Electric is great . . . I have used aluminum wire on wooden posts with ceramic or plastic insulators, Aluminum and SS Wire
1/2 wide tape with fiberglass and plastic posts for a temporary fence for 2 years . . . Polytape & Polyrope

and now have Electro Braid which is guaranteed for 25 years, and I have it on wooden posts which can be spaced as far apart as 50 feet depending on the lay of the land (and that's good because wooden posts are REALLY expensive here in KS) but it's a fence that is under tension, so the corner posts have to be REALLY strong and deep or they have to be braced on each side. Electric Horse Fence Installation & Planning - ElectroBraid®

Another tape I've used with success is Horse Guard which comes in 3 colors (HorseguardFence.com : the best electric fence for Horse) but it does tend to stretch and sag over time, so it needs to be tightened up every so often. It's a great product, though.

Some folks use pipe panels, and you can buy them from a farm store, or have them made by a company, but it's expensive.

I recently checked into having vinyl horse fencing put up for my arena . . . but it was going to cost over $4000, and if I had them install it, it was going to be an extra $3700! (If we installed it ourselves, it is recommended to use one bag of concrete for every post with the posts spaced 8-10 feet . . . so I am exhausted just thinking about it.)

Another option is Red Brand woven fence Red Brand, and you can use wooden posts and fence staples rather than t-posts, which I would recommend for safety, but I would also recommend a top wire of electric on the inside of the posts at the top of the woven fence so the horses don't lean on it and stretch it out trying to eat grass on the other side.

Any of the other vinyl and wooden fences are costly . . . and, in my opinion, should have an electric wire on the inside.


----------



## QtrBel (May 31, 2012)

Grandpa is on the right track. Electric tape is going to be the least expensive and most effective if it is properly installed and puts out a good shock.
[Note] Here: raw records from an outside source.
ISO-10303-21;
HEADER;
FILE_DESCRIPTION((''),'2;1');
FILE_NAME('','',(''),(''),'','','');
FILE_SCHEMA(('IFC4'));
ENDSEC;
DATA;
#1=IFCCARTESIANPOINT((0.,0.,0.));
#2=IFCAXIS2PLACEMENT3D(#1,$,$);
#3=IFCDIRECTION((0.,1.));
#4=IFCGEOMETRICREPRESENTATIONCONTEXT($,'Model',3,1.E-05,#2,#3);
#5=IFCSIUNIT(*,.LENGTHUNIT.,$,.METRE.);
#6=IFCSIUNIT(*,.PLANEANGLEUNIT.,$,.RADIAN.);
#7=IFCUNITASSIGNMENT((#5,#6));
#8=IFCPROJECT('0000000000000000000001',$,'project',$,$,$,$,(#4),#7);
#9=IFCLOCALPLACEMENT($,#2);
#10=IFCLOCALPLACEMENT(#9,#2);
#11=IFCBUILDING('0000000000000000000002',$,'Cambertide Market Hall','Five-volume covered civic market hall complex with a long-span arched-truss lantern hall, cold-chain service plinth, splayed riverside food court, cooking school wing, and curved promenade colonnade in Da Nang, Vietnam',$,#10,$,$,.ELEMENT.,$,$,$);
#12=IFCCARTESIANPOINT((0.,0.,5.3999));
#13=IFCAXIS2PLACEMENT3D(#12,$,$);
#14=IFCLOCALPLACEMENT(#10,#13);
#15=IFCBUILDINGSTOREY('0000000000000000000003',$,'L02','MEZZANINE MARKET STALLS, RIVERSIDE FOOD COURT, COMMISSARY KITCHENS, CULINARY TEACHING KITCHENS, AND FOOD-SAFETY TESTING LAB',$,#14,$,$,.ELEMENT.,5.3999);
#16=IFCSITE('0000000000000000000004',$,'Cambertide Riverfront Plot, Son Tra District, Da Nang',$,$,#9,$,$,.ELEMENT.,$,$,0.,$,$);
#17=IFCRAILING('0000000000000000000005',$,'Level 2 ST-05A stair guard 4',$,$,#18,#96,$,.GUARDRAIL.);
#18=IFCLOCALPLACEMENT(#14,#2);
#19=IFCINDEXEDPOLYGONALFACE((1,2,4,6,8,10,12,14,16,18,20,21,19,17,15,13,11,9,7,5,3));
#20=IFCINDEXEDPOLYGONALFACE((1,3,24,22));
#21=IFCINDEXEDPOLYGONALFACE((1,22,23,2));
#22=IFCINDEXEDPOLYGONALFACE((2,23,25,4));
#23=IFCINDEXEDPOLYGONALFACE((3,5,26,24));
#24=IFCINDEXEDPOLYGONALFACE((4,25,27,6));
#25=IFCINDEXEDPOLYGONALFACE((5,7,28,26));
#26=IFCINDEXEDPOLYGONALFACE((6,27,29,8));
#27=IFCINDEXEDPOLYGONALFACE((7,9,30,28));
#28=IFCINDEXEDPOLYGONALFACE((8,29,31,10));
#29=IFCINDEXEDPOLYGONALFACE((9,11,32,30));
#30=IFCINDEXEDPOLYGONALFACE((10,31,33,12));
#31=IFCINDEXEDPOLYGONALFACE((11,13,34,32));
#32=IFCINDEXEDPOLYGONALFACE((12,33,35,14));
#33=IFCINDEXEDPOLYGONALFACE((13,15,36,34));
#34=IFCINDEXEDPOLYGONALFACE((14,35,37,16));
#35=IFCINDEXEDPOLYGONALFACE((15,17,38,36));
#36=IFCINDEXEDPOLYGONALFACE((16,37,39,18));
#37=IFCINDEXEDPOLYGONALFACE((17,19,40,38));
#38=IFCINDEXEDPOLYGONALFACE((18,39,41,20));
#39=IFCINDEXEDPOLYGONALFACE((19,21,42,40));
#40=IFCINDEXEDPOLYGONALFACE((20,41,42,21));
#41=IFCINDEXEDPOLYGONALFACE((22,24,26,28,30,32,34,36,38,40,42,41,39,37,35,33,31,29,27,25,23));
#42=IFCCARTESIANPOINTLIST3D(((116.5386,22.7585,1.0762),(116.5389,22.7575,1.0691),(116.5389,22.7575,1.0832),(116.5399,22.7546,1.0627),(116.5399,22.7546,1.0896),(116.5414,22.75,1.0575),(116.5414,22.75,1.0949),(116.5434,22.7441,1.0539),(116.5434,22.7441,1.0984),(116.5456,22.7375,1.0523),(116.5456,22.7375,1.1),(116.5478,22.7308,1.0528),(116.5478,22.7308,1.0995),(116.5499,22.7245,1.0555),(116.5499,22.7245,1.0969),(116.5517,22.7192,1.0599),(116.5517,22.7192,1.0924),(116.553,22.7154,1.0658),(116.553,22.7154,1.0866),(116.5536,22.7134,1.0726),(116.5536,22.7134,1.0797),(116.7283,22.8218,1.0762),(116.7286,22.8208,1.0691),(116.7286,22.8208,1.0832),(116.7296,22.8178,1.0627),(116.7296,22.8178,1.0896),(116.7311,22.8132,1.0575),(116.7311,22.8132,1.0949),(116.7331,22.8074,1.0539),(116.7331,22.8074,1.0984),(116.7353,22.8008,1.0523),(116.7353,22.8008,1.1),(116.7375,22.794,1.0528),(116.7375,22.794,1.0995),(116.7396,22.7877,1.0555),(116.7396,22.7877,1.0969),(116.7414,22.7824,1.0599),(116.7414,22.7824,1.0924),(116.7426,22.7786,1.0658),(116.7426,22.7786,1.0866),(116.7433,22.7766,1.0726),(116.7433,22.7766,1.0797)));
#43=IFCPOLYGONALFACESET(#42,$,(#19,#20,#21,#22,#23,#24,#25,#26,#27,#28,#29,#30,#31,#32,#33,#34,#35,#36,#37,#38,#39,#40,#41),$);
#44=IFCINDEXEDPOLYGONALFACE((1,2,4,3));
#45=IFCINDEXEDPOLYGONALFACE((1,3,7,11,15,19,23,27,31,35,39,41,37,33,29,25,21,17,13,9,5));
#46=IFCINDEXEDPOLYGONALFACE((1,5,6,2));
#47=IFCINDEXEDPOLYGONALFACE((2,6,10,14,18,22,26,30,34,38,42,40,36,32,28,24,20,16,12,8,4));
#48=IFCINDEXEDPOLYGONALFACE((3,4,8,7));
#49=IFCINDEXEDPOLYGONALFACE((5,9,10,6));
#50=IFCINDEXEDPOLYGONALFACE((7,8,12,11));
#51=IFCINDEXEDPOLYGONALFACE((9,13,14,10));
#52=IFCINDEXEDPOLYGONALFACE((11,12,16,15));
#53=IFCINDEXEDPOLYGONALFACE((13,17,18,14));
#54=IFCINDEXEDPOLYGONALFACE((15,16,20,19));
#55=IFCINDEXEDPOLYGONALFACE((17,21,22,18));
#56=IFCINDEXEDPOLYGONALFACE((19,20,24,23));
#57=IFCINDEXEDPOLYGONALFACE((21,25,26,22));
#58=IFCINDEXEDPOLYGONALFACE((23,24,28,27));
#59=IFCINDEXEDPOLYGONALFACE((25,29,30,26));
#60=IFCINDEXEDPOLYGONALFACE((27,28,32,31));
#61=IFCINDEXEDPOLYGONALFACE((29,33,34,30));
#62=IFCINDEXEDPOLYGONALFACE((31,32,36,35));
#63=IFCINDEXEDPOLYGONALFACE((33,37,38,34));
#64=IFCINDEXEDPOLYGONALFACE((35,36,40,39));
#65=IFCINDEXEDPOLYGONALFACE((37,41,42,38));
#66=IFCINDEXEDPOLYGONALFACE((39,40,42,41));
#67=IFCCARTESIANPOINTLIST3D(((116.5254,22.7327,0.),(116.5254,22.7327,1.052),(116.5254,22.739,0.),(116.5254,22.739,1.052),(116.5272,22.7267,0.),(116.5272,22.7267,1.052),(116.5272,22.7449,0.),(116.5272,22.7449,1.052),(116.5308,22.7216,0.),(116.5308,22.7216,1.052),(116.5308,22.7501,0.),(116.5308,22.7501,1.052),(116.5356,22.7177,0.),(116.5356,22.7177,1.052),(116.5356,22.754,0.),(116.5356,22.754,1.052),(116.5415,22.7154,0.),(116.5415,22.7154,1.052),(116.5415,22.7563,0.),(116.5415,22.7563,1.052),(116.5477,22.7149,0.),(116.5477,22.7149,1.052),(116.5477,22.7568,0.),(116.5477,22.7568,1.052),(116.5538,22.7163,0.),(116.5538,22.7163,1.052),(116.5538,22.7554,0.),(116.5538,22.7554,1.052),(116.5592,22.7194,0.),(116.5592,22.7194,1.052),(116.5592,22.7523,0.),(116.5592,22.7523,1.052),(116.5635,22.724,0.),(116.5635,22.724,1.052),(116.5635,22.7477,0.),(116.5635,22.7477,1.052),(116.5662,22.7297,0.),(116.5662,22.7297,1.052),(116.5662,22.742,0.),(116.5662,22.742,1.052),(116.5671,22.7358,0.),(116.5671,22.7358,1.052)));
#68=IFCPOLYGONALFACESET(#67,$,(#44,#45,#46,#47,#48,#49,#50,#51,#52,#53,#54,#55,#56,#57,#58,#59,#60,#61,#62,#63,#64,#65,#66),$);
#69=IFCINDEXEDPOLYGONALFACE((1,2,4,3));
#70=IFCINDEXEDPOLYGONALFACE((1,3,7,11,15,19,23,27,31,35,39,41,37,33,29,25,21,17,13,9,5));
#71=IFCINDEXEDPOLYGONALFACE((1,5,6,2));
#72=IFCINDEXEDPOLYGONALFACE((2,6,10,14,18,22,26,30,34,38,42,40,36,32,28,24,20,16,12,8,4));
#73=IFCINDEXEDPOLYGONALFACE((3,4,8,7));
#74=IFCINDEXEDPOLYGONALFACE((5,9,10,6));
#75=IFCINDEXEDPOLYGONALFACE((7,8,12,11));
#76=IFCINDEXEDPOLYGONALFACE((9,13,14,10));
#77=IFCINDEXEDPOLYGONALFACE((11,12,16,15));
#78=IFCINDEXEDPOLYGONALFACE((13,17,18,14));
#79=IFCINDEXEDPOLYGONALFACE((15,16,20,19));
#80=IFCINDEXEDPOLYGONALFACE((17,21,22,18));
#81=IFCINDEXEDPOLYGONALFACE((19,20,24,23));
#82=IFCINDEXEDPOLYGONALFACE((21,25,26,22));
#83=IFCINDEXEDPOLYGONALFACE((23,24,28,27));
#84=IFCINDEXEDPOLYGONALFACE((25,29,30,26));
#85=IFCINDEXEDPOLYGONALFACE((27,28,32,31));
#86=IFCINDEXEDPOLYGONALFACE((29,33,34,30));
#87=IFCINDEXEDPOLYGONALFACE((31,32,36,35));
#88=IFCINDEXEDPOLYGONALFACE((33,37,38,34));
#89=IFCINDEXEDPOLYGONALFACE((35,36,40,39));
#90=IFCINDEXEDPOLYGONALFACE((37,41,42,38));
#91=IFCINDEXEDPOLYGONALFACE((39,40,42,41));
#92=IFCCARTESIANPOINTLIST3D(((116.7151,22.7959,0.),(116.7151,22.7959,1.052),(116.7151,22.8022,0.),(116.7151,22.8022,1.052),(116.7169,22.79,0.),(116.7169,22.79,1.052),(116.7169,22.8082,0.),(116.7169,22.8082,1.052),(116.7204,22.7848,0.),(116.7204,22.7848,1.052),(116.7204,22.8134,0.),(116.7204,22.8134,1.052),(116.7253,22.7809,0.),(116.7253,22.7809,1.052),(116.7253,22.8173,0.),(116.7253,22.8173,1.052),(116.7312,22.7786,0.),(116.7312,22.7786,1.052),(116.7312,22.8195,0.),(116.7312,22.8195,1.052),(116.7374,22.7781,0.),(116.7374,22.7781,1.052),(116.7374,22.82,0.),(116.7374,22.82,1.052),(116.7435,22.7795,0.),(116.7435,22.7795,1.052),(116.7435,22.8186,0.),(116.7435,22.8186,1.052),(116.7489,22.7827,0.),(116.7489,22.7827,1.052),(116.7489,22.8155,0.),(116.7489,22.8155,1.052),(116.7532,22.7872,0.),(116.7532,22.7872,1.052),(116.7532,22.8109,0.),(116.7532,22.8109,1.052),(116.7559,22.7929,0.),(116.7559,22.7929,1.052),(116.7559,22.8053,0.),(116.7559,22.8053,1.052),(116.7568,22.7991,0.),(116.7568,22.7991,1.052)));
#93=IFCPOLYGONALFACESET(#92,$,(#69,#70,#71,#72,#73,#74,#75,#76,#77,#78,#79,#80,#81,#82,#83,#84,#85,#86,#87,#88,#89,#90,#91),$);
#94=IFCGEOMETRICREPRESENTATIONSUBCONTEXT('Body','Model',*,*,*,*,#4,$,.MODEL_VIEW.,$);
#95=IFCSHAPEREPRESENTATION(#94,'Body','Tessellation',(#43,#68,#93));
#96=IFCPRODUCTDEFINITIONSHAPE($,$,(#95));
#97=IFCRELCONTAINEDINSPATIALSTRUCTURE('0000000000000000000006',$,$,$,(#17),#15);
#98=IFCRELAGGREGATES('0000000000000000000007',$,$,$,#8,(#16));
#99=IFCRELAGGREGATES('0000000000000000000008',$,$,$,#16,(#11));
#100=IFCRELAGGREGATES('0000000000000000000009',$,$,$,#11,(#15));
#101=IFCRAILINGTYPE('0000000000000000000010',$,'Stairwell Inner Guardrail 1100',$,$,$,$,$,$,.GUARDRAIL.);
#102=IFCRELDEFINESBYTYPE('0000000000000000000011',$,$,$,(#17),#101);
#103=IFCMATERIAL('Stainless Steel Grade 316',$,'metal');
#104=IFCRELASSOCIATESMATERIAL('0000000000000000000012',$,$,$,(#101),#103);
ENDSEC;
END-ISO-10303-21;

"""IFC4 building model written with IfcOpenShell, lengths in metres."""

from ifc_helpers import new_model, si_unit, direction, frame, origin, origin_2d, place, context, subcontext, project, spatial, circle, extrude, material, type_object, element, save


model = new_model("IFC4")

# Units and contexts
model_context = context("Model", 3, precision=1e-05, world=origin(), true_north=direction((0.0, 1.0)))
body_context = subcontext(model_context, "Body", "Model", "MODEL_VIEW")
ifc_project = project(units=[si_unit("LENGTHUNIT", "METRE"), si_unit("PLANEANGLEUNIT", "RADIAN")], contexts=[model_context])

# Site, building, storey
site_placement = place(None, origin())
site = spatial("IfcSite", under=ifc_project, at=site_placement, Name="Cambertide Riverfront Plot, Son Tra District, Da Nang", CompositionType="ELEMENT", RefElevation=0.0)
building_placement = place(site_placement, origin())
building = spatial("IfcBuilding", under=site, at=building_placement, Name="Cambertide Market Hall", Description="Five-volume covered civic market hall complex with a long-span arched-truss lantern hall, cold-chain service plinth, splayed riverside food court, cooking school wing, and curved promenade colonnade in Da Nang, Vietnam", CompositionType="ELEMENT")
storey_placement = place(building_placement, frame((0.0, 0.0, 5.3999)))
storey = spatial("IfcBuildingStorey", under=building, at=storey_placement, Name="L02", Description="MEZZANINE MARKET STALLS, RIVERSIDE FOOD COURT, COMMISSARY KITCHENS, CULINARY TEACHING KITCHENS, AND FOOD-SAFETY TESTING LAB", CompositionType="ELEMENT", Elevation=5.3999)

# Railing
ifc_material_1 = material(Name="Stainless Steel Grade 316", Category="metal")
railing_type_1 = type_object("IfcRailingType", Name="Stairwell Inner Guardrail 1100", PredefinedType="GUARDRAIL", material=ifc_material_1)
railing_1_placement = place(storey_placement, frame((116.5461, 22.7358, 0.0)))
element("IfcRailing", 1, at=railing_1_placement, inside=storey, type_object=railing_type_1, Name="Level 2 ST-05A stair guard 4", PredefinedType="GUARDRAIL", context=body_context, shape_type="SweptSolid", body=[
    extrude(circle(Radius=0.0239, at=origin_2d()), frame((0.0, 0.0, 1.0762), z_axis=(0.948683, 0.316228, 0.0), x_axis=(-0.316228, 0.948683, 0.0)), (0.0, 0.0, 1.0), 0.2),
    extrude(circle(Radius=0.021, at=origin_2d()), origin(), (0.0, 0.0, 1.0), 1.052),
    extrude(circle(Radius=0.021, at=origin_2d()), frame((0.1897, 0.0632, 0.0)), (0.0, 0.0, 1.0), 1.052),
])

save(model, "model.ifc")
Go with a good quality, wide tape, wooden corner posts and you can use either wood or t-post for the rest. You'll want a good charger rated for tape. T-posts are cheaper than wood unless you can find used or bulk poles that are appropriate that you cut to size. It looks fine if kept tensioned and lasts typically longer than advertised. Other options would be the braid that was mentioned or the Red Brand fencing with a line of electric on top. My preference is still the tape. Figure your budget and go from there.


----------



## Ediauto2 (Jul 23, 2015)

Thank you guys. You really helped me pen my mind. We've decided on electric!


----------



## QtrBel (May 31, 2012)

Oh and make sure if you use t-posts you put caps on the top that hold the tape or rope and spray them on the underside with foam insulation to fill them and keep wasps out.


----------